Roy Hodgson’s team have failed to fulfil their potential this season and are mired in a survival struggle, with the visit of their rivals adding extra pressure
13 April ~ I’ve got one of those Crystal Palace ultra-style stickers on the front of my wallet, a memento of a drunken away trip to Anfield last season. Of course now I can’t get the bloody thing off. Not that I mind too much. But last week I was in Brighton, where I was met by tutting shop assistants and scowling bar staff every time it came to settling up a bill.
Events off the pitch at the Amex last November, when an under-prepared and over-reacting Sussex Police force kettled a number of visiting fans and stopped them entering the ground, despite the majority having tickets, have added a spicy backdrop to the return fixture at Selhurst Park. Perhaps inevitably, Brighton supporters have a different take on the whole episode, but attempts by a group of Palace fans to hold the police to account are ongoing, with an official complaint made earlier this week.
The actual game was something of an anticlimax, as was an FA Cup tie between the two in early January. Now, with just five weekends left of the season, most Eagles fans see today’s game as a diversion from a nerve shredding relegation battle; the chance to revel in a very particular, though no less partisan, rivalry, and hopefully see a revitalised Wilfried Zaha running amok among Brighton’s back lines.
I’m not sure though. Much as I would enjoy a win against our strangely smug guests, at the moment I really just want a win full stop. All this talk of an easy run-in doesn’t sit well and building up pressure around a game that already has more than enough riding on it could painfully backfire.

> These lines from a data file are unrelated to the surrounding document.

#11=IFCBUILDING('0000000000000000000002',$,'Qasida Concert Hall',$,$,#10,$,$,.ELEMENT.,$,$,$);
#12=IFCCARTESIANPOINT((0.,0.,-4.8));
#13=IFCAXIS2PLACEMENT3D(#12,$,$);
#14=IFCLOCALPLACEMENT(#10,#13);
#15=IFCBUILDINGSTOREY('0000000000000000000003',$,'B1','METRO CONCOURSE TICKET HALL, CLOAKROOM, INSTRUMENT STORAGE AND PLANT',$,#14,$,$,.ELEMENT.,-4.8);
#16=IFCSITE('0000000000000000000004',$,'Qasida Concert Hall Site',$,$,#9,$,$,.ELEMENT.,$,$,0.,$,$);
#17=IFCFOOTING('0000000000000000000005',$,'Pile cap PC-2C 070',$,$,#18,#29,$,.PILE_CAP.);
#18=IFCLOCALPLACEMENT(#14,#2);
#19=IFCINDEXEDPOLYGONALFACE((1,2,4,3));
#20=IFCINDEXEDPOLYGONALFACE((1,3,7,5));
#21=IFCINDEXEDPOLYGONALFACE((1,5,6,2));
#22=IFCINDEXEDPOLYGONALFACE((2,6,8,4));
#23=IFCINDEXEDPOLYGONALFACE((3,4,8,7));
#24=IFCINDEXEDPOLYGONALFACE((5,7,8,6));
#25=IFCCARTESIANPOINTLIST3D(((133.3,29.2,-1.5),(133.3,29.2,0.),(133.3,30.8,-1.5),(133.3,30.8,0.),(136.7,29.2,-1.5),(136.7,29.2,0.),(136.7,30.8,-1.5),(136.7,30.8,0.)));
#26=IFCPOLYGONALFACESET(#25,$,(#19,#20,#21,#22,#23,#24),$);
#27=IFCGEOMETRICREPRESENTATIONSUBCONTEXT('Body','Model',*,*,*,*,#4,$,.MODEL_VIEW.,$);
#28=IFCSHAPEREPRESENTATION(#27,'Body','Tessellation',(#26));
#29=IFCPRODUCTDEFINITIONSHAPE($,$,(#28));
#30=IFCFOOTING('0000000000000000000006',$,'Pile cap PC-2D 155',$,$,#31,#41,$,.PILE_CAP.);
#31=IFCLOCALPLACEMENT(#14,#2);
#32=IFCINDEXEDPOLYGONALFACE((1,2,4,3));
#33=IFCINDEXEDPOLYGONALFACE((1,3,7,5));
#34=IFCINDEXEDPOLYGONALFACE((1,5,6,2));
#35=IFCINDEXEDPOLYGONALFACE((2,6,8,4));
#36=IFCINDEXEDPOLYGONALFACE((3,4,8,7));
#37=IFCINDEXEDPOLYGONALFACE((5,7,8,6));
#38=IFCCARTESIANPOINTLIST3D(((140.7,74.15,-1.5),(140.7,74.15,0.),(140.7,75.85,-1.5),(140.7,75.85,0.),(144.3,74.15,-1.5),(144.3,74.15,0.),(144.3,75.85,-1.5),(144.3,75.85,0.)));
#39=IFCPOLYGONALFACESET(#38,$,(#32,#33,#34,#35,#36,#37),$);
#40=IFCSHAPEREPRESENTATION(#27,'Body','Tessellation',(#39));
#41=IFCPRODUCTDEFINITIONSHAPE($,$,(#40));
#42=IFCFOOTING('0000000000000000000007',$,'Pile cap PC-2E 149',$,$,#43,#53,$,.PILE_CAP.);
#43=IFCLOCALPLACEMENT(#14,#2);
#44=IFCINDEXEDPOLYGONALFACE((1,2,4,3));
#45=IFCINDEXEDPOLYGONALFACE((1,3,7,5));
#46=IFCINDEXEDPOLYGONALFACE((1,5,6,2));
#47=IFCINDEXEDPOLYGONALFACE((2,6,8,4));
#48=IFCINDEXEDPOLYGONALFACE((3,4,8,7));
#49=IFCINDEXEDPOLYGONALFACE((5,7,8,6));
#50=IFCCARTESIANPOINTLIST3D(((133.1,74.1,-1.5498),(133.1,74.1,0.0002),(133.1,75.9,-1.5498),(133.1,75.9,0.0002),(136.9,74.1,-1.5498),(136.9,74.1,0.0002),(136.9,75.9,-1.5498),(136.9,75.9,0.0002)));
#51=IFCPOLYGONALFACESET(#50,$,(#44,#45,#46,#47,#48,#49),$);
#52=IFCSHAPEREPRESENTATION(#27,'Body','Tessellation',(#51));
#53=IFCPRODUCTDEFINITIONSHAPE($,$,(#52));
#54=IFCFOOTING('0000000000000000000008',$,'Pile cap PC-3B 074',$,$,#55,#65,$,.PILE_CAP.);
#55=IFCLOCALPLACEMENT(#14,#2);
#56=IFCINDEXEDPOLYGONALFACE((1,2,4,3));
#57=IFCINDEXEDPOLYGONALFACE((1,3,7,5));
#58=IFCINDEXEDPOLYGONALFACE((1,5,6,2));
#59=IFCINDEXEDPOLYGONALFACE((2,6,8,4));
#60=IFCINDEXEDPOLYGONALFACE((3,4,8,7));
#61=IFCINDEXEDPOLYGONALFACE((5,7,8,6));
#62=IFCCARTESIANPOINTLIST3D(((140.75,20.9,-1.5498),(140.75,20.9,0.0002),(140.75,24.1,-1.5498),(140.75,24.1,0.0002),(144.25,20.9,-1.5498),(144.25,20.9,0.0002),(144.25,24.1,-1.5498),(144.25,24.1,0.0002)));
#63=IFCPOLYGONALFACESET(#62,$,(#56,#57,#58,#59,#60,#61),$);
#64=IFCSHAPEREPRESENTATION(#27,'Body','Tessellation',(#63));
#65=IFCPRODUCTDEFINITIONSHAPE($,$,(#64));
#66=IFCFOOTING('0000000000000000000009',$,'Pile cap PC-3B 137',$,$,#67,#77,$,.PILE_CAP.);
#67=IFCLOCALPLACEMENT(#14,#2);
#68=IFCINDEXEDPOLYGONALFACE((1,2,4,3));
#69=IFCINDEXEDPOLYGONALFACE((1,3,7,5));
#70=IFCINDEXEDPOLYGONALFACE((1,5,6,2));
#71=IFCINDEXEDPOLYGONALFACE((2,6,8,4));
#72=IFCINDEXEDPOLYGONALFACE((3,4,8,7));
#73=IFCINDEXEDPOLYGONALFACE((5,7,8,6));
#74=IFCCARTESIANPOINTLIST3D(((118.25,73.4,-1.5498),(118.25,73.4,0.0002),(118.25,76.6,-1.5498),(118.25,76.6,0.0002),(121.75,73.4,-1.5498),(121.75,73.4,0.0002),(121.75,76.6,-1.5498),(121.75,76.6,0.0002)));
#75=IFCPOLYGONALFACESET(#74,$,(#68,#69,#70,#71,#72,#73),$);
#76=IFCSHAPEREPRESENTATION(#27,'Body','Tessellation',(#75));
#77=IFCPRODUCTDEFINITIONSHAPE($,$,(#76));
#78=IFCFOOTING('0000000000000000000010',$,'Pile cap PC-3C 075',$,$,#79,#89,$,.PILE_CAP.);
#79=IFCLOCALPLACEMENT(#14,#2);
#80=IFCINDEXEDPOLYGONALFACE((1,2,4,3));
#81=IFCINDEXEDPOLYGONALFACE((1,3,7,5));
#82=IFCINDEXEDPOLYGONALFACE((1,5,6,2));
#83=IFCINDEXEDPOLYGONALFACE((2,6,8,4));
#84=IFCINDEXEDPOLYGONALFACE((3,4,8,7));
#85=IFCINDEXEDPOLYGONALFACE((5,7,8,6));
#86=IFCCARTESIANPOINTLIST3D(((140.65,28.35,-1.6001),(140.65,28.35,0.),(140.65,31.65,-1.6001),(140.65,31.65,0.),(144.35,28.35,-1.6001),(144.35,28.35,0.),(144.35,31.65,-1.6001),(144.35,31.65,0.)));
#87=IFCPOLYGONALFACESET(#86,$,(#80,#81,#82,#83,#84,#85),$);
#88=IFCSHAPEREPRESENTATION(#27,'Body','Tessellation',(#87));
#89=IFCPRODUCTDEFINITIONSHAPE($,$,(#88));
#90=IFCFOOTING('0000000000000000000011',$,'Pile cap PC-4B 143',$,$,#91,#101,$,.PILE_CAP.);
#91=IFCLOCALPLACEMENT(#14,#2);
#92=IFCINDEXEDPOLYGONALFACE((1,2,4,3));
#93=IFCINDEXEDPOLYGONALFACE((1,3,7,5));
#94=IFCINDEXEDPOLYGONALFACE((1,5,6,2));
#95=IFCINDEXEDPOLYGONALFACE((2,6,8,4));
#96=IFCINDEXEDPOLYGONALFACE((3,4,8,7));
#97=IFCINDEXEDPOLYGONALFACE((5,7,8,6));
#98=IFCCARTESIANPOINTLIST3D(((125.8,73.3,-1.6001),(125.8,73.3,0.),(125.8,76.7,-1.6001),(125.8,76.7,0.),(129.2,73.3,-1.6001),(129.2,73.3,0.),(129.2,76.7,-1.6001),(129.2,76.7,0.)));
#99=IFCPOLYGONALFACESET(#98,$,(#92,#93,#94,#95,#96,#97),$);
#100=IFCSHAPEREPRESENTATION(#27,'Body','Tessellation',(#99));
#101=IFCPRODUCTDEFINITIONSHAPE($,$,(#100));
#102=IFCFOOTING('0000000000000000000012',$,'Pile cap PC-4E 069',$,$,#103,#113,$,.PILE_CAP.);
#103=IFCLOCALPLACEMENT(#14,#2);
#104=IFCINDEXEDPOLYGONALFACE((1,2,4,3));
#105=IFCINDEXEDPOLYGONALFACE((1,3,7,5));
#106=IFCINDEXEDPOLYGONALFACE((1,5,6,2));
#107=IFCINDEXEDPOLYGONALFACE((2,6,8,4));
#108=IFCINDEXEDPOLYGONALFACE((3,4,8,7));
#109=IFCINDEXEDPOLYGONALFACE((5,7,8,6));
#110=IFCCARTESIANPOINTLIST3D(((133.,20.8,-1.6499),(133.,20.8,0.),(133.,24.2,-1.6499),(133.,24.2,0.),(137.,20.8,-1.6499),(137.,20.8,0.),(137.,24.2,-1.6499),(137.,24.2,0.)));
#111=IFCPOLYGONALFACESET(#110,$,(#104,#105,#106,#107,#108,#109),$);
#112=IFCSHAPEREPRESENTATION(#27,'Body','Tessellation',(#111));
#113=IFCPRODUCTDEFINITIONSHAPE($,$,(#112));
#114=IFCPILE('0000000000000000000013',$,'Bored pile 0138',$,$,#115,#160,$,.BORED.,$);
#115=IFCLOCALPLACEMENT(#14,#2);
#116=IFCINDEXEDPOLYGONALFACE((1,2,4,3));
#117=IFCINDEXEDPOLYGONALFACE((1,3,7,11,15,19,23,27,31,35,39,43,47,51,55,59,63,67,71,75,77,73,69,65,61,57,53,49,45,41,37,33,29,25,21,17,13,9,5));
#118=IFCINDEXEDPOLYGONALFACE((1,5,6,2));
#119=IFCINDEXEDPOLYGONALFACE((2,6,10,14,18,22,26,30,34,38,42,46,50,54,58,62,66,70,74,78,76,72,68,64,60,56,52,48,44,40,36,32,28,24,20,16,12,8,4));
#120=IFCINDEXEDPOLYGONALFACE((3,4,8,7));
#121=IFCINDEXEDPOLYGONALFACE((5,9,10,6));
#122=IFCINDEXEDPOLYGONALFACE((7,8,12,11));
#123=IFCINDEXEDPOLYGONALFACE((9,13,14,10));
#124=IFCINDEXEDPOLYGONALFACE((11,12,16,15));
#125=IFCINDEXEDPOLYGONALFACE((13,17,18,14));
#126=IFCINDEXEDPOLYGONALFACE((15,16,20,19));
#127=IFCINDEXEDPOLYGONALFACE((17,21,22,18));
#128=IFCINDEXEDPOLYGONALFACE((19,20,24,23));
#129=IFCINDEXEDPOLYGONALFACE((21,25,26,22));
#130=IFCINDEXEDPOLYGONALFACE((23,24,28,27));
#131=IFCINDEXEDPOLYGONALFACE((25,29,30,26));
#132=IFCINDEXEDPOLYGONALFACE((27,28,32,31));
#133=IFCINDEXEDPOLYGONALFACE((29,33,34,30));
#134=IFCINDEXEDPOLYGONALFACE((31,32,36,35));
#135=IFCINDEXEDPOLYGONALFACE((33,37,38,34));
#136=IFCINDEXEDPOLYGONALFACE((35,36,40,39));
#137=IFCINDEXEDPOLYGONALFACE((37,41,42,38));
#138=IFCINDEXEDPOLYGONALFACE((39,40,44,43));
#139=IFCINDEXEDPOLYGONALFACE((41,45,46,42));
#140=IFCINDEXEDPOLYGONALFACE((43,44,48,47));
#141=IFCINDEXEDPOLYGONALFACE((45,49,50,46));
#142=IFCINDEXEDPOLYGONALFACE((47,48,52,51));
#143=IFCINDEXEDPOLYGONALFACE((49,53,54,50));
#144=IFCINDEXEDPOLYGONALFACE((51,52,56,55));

Survival remains a priority, not least because there’s a sense of unfulfilled potential, of another wasted chance to push on and try for a top-ten finish. Those first seven straight defeats didn’t help, but a marked failure to shut out games (conceding late on at Bournemouth last weekend had a thudding inevitably) and Christian Benteke’s woes in front of goal have only piled on the frustration.
The current bottom three have all long been held up as models to emulate for clubs hoping to hold their own in the top tier, while another, Swansea, continue to live dangerously. Teams with limited resources can probably hope for a six- or seven-year cycle in the Premier League at best.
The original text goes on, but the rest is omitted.